① set a to current application's NSString's stringWithString:"Rượu đế"
② set b to current application's NSString's stringWithString:"Rượu đế"

a's isEqualToString:b --> false

(and, in fact, thanks to the menlo font, you can see demonstrable visual difference between the two strings, noticeably in the topmost diacritics above the e:

  • Rượu đế | Rượu đế • seemingly the same
  • Rượu đế | Rượu đếnoticeably variant as soon as the code block encloses them

Here's the output of an AppleScript acting on these two variants:

② id of "Rượu đế" --> {82, 432, 7907, 117, 32, 273, 7871}
① id of "Rượu đế" --> {82, 117, 795, 111, 795, 803, 117, 32, 273, 101, 770, 769}

As you can see, ① is comprised of 12 separate unicode characters, 5 of which are modifying characters (combining diacritics) that result in a 7-character long string; ② has precisely 7 individual characters, all of which are precomposed entities.

54 37

@Tom, I'm guessing you originally composed or obtained that Vietnamese string from a source that made use of combining diacriticals, and this became the test case for your macro.

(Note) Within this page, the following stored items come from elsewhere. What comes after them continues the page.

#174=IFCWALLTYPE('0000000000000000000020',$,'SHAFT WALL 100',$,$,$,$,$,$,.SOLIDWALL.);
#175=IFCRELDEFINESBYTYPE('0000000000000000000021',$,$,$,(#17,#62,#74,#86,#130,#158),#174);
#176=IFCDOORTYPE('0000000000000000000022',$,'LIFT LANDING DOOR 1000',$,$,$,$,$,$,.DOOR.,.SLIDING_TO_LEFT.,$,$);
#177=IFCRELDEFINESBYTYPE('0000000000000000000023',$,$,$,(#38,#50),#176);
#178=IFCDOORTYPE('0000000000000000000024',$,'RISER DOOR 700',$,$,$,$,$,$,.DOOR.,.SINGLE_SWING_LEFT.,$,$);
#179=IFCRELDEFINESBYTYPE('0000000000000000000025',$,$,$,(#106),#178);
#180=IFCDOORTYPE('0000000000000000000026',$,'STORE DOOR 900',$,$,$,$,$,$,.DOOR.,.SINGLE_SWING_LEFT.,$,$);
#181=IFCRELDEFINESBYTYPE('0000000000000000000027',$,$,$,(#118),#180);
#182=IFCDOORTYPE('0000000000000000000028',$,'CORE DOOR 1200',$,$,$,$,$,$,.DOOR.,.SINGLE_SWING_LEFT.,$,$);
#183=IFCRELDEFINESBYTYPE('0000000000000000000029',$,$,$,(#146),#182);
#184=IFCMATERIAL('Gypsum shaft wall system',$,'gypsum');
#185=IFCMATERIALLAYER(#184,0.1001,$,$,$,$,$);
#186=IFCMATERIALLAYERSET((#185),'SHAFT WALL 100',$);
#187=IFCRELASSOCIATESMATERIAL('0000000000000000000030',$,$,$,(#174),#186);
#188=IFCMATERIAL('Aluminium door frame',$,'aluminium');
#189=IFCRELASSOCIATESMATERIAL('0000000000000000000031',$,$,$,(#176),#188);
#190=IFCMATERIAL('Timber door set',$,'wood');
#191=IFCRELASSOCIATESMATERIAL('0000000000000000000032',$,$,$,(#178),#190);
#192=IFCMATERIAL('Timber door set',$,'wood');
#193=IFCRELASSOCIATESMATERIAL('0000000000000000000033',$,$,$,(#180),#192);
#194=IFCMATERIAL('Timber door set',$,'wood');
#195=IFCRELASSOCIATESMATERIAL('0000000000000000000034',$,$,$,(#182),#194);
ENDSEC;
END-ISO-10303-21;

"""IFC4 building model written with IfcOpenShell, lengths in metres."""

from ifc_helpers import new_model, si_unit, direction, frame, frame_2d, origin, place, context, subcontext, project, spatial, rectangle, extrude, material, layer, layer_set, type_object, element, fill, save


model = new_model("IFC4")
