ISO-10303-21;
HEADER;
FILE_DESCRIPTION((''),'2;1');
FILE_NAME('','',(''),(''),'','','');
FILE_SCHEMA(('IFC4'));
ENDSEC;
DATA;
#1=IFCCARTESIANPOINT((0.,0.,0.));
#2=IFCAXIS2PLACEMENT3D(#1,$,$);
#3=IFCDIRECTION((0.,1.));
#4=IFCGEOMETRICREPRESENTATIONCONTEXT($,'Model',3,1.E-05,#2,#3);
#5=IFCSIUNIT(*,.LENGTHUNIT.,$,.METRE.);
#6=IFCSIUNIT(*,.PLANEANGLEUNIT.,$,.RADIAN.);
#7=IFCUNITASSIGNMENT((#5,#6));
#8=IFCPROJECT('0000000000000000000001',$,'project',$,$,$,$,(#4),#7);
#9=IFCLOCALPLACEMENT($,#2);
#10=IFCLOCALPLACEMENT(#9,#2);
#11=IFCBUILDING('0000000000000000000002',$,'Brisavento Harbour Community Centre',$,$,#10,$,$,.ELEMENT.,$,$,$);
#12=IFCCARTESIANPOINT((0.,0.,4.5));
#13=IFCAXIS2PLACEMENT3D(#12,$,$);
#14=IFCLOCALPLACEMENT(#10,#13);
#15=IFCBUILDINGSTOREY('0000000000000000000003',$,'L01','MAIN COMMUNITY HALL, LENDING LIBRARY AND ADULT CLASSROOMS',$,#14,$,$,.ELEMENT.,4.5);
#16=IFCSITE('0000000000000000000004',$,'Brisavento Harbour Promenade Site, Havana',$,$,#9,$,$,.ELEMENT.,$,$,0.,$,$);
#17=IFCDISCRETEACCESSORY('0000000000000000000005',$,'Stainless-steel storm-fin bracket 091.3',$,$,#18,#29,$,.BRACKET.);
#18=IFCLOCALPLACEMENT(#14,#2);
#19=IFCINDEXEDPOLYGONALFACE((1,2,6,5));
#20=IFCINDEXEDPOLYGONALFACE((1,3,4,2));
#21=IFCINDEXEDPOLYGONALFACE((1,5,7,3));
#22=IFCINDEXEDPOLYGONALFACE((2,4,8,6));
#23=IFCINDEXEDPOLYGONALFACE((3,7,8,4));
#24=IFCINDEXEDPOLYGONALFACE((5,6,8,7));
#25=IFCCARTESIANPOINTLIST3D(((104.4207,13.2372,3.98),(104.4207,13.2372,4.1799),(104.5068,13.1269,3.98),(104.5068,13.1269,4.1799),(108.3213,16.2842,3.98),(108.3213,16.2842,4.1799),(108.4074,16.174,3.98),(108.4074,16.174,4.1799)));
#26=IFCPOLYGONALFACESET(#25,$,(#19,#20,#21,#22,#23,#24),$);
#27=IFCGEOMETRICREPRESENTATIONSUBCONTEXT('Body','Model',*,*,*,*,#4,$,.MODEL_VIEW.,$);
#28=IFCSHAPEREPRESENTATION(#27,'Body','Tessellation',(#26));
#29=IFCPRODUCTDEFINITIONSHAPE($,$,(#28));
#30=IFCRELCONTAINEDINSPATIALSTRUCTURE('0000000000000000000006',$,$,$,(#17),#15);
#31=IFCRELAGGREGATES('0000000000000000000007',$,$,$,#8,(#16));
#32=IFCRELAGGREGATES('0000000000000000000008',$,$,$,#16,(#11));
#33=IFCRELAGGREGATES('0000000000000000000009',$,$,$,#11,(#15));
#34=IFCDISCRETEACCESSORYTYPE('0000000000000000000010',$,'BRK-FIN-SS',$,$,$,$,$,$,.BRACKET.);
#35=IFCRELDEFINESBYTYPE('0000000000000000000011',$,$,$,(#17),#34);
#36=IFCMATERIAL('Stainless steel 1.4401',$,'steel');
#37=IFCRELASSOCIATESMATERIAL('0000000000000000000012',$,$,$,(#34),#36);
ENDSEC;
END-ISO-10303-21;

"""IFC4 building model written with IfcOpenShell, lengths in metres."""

from ifc_helpers import new_model, si_unit, direction, frame, origin, origin_2d, place, context, subcontext, project, spatial, rectangle, extrude, material, type_object, element, save


model = new_model("IFC4")

# Units and contexts
model_context = context("Model", 3, precision=1e-05, world=origin(), true_north=direction((0.0, 1.0)))
body_context = subcontext(model_context, "Body", "Model", "MODEL_VIEW")
ifc_project = project(units=[si_unit("LENGTHUNIT", "METRE"), si_unit("PLANEANGLEUNIT", "RADIAN")], contexts=[model_context])

# Site, building, storey
site_placement = place(None, origin())
site = spatial("IfcSite", under=ifc_project, at=site_placement, Name="Brisavento Harbour Promenade Site, Havana", CompositionType="ELEMENT", RefElevation=0.0)
building_placement = place(site_placement, origin())
building = spatial("IfcBuilding", under=site, at=building_placement, Name="Brisavento Harbour Community Centre", CompositionType="ELEMENT")
storey_placement = place(building_placement, frame((0.0, 0.0, 4.5)))
storey = spatial("IfcBuildingStorey", under=building, at=storey_placement, Name="L01", Description="MAIN COMMUNITY HALL, LENDING LIBRARY AND ADULT CLASSROOMS", CompositionType="ELEMENT", Elevation=4.5)

# Discrete accessory
ifc_material_1 = material(Name="Stainless steel 1.4401", Category="steel")
discrete_accessory_type = type_object("IfcDiscreteAccessoryType", Name="BRK-FIN-SS", PredefinedType="BRACKET", material=ifc_material_1)
discrete_accessory_1_placement = place(storey_placement, frame((106.4141, 14.7056, 3.98), z_axis=(0.0, 0.0, 1.0), x_axis=(-0.788054, -0.615606, 0.0)))
element("IfcDiscreteAccessory", 1, at=discrete_accessory_1_placement, inside=storey, type_object=discrete_accessory_type, Name="Stainless-steel storm-fin bracket 091.3", PredefinedType="BRACKET", context=body_context, shape_type="SweptSolid", body=[
    extrude(rectangle(XDim=4.9497, YDim=0.1399, at=origin_2d()), origin(), (0.0, 0.0, 1.0), 0.2),
])

save(model, "model.ifc")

But, when it was transcribed to Keyboard Maestro from where I copied the text, the multi-character entities were substituted for their precomposed counterparts, which I think is a process called normalisation. Thus, when I came to test my handler, it appeared to pass with flying colours.

The nature of the undesirable outcomes of my handler and a couple of the others, are a result of exploding the word not just into characters, but decomposing the characters into into their individual entities. If one simply recombines them, there's nothing to see that's out of the ordinary:

① character id (id of "Rượu đế") --> "Rượu đế"

But when one applies a reverse transform:

① character id (reverse of id of "Rượu đế") --> "́̂eđ ựơuR"

each of the diacritical marks has been displaced to the left, which now makes sense: the 7 characters were decomposed fully into 12 entities, so when recombined into a string, ended up modifying the character that was previously to the other side of it, resulting in new character compositions. (When the reverse transform is applied again—being a symmetrical transformation—the original string is restored.) Obviously, when operating on the precomposed version of the string, this issue never arises.

As for why the id property would fully decompose a string whereas characters of... would not is peculiar. But it's very good to now be aware that this happens.

1 Like

Rather simple: The Perl scripts I experimented with have taught me that this string seems to be reversible only when treating it as a sequence of grapheme clusters, not as a sequence of “characters” or code points. (See the Perl scripts using the regex with the \X class and the Unicode::GCString module, “1)” and “2)” in the post.)

Since also the JavaScripts on the thread showed that “issue”, I was not really surprised to see the “character id” AppleScript doing the same. (The surprise —for me— rather was, that @ccstone’s “reverse of characters” AppleScript worked correctly.)

Thanks for investing the time and finding out that we worked with different source strings. I didn’t consider that the forum website might change the composition of the characters. Definitly my fault, especially since the original post with that string explicitly mentioned that it is necessary to use <pre> tags instead of <code> tags in order to not manipulate the characters. But somehow I had overlooked that warning. Sorry.

PS:

I have added a warning and a copy-safe version of the string to my post above.

1 Like

Thanks for taking the time for testing, Chris. Fortunatly @CJK could solve the mystery now.

PS:

Perl modules are usually installed from the CPAN repository via the cpan client (comes with any Perl installation), or the cpanm client (separate install, but IMO the better way). So, MacPorts shouldn’t be involved here. (Except for installing the cpanm client, if you wish so.)

Thanks for this. And now I know what a grapheme cluster is. This one, seemingly-innocuous task request by a user has ended up teaching me a lot of good stuff about text.